Mais uma vez no Mineirão, na tarde desta terça-feira, dessa vez na partida entre Bélgica e Argélia, pessoas de diversas culturas, religiões e idiomas eram vistas juntas em total harmonia. 

Se alguns achavam difícil compreender palavras ditas em francês ou árabe, línguas de belgas e argelinos - personagens do jogo - ou se viam complicações para entender inglês e o espanhol, um fator ajudava e muito na comunicação: o futebol, que já se tornou "língua universal".

Quem veio de fora não se decepcionou com o clima da capital mineira. “Posso falar com a maior sinceridade, já que estou na cidade há mais de dois dias. Fui muito bem recebido pelo povo de Belo Horizonte. A cidade organizou bons eventos, principalmente o jogo Bélgica e Argélia. Muito bacana estar em uma cidade que me acolheu bem, tem um povo muito hospitaleiro”, disse o jornalista belga Manu Lebrun, 38.

E a hospitalidade, característica conhecida dos mineiros no Brasil afora, ganha ares internacionais. “Belo Horizonte é uma ótima cidade, tem um povo muito hospitaleiro. Gostei muito do ambiente e de tudo que vi até agora. Um prazer visitar a cidade”, garantiu o argelino Salim Baha, 36. 

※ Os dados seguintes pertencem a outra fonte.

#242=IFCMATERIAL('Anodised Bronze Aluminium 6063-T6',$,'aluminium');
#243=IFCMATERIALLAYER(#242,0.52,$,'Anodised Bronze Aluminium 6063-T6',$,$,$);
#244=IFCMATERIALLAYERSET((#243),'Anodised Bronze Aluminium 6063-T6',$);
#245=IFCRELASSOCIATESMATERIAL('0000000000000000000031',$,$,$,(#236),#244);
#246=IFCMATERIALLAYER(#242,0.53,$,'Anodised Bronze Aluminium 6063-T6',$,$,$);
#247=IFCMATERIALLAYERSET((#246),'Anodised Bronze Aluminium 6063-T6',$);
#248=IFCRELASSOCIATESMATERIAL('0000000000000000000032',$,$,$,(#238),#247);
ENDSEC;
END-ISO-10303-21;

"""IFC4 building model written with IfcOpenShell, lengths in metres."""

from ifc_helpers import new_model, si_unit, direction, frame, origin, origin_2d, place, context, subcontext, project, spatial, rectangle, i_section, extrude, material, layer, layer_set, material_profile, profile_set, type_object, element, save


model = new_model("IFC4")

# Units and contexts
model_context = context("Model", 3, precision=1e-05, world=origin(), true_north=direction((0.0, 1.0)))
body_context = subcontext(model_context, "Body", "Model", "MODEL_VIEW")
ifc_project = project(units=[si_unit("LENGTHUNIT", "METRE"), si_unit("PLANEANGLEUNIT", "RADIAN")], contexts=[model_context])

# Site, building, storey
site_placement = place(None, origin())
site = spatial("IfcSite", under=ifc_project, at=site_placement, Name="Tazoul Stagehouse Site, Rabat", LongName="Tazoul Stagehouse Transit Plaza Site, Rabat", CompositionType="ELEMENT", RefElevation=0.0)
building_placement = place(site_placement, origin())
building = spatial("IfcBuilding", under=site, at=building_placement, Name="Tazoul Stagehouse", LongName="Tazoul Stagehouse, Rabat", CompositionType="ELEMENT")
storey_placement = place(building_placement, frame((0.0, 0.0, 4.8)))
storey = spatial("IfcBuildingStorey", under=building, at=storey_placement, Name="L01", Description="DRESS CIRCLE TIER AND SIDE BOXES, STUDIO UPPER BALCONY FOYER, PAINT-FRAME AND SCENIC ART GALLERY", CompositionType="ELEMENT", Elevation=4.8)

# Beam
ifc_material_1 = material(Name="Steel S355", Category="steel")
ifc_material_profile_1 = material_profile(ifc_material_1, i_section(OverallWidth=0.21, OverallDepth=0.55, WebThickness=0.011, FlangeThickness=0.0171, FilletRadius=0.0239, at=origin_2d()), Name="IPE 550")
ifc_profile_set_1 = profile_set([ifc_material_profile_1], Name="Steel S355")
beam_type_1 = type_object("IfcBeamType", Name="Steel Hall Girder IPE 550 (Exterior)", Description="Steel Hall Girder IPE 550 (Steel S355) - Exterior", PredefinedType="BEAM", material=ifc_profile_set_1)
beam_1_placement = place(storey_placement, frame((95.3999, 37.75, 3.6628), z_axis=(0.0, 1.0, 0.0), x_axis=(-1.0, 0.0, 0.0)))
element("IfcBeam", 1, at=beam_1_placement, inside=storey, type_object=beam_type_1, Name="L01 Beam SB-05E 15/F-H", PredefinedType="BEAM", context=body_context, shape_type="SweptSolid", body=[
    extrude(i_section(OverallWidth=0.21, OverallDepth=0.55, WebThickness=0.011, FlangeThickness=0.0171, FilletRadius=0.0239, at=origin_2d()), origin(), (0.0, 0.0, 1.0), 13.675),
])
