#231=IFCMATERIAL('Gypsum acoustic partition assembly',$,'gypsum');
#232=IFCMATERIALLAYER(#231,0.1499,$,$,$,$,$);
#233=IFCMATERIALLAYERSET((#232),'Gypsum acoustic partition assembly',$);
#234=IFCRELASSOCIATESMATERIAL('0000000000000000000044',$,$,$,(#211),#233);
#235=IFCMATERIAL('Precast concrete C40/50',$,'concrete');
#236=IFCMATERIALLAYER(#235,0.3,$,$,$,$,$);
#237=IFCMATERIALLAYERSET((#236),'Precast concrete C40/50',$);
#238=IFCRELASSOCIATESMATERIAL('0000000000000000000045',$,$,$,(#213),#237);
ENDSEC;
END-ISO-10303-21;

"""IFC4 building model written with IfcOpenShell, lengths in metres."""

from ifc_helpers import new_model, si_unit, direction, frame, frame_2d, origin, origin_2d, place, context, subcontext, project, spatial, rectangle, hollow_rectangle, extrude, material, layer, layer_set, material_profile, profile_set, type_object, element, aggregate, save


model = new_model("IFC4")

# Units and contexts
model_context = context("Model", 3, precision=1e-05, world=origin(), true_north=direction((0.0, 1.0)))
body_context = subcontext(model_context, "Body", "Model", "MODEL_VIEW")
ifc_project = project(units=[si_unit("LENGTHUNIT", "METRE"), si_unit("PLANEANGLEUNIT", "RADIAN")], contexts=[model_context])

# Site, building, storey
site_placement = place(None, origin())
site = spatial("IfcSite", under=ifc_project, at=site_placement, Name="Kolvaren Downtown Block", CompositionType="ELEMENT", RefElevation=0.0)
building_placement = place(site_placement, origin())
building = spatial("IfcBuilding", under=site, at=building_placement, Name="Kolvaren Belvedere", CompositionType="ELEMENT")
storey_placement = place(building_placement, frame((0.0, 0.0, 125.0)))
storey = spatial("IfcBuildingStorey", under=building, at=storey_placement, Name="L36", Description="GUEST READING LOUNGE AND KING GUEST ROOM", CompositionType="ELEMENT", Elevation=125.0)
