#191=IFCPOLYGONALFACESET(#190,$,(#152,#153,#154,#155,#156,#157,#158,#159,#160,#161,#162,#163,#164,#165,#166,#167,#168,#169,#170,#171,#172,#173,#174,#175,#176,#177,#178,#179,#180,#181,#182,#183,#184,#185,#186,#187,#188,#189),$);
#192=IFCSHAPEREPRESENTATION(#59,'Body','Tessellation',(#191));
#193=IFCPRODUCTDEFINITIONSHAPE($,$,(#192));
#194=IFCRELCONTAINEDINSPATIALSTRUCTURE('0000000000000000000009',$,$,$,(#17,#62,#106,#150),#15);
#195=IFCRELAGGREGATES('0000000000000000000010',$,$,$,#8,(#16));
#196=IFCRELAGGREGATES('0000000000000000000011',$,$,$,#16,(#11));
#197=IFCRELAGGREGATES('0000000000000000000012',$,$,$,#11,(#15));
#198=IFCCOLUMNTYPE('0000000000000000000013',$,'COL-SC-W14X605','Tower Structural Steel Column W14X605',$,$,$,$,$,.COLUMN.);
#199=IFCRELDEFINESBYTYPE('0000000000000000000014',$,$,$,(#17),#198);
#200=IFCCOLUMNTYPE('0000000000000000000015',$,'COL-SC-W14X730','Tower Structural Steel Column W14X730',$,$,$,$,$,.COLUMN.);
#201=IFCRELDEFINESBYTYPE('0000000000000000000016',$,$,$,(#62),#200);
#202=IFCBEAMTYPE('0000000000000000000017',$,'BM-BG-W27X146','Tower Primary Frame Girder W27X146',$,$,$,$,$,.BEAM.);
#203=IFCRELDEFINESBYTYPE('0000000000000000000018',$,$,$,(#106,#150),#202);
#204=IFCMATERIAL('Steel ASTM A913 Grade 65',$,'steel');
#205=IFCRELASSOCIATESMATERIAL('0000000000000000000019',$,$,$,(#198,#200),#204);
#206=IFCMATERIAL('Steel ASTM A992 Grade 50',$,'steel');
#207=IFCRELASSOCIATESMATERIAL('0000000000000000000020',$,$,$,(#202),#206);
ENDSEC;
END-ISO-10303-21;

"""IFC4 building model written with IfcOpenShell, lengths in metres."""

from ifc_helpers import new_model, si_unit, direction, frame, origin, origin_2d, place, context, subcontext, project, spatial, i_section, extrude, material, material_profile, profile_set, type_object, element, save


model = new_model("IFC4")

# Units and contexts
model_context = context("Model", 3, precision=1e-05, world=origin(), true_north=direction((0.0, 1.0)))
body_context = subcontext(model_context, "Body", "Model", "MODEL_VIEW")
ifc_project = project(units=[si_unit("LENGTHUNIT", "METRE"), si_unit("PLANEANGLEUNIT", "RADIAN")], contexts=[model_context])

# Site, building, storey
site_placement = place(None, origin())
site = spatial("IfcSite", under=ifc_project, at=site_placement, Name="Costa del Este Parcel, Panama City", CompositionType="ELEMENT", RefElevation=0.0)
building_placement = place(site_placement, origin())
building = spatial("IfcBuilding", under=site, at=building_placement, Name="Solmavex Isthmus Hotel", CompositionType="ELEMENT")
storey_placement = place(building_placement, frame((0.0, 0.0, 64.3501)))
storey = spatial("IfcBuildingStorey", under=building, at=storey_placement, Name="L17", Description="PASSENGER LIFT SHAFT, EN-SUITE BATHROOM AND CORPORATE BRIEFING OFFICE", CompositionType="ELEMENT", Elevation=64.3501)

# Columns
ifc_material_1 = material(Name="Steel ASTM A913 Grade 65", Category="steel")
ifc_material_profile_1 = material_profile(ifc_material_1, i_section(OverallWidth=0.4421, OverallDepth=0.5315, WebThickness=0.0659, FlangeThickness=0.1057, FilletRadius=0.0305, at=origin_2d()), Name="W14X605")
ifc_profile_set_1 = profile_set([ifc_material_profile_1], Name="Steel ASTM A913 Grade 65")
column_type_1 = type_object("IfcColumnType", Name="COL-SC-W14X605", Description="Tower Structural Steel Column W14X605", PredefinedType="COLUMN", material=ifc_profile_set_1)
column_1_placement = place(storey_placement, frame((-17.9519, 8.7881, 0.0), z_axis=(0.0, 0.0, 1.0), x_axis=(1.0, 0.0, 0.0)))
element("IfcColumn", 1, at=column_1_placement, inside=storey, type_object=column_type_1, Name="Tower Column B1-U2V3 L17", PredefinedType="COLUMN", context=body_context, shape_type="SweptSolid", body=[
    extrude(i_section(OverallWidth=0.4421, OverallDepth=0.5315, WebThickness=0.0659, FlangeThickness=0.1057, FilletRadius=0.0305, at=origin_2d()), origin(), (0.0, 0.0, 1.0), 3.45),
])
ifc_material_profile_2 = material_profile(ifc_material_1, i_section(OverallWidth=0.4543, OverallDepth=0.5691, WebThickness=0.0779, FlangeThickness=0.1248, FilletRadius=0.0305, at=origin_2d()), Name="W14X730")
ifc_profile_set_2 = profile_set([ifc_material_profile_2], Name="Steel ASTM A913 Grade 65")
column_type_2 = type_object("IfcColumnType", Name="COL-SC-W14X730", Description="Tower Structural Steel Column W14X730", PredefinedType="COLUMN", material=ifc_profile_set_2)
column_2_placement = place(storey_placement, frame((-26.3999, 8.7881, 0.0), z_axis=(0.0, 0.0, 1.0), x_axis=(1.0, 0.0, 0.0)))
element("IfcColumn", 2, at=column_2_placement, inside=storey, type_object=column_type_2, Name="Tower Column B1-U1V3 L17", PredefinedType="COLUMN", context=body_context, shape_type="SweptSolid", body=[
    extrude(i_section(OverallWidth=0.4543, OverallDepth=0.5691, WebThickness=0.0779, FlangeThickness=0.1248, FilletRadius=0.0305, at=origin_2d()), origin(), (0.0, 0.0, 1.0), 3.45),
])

Pela alegria contagiante de um Mundial, alguns problemas locais ficam "escondidos". No entanto, o também jornalista belga Yves Collete, 27, conseguiu, mesmo tendo feito elogios, enxergar Belo Horizonte com um olhar mais crítico.

“Uma bela cidade, com um aspecto mais rico no entorno do estádio e mais pobre em locações distantes. Forte diferenciação social que deu para ser percebida por quem é de fora. Mas, de uma forma geral, achei Belo Horizonte bem bonita”, disse.

Satisfeito pelos elogios dos estrangeiros, o mineiro Rafael de Souza, 21, comentou sobre a mistura de etnias que acontece em Belo Horizonte em detrimento do Mundial.

“A Copa do Mundo veio com tudo, mudou a expectativa do povo. Uma mistura bem bacana com argelinos, belgas, chilenos, argentinos, colombianos. Povos muito festeiros que nem os mineiros”.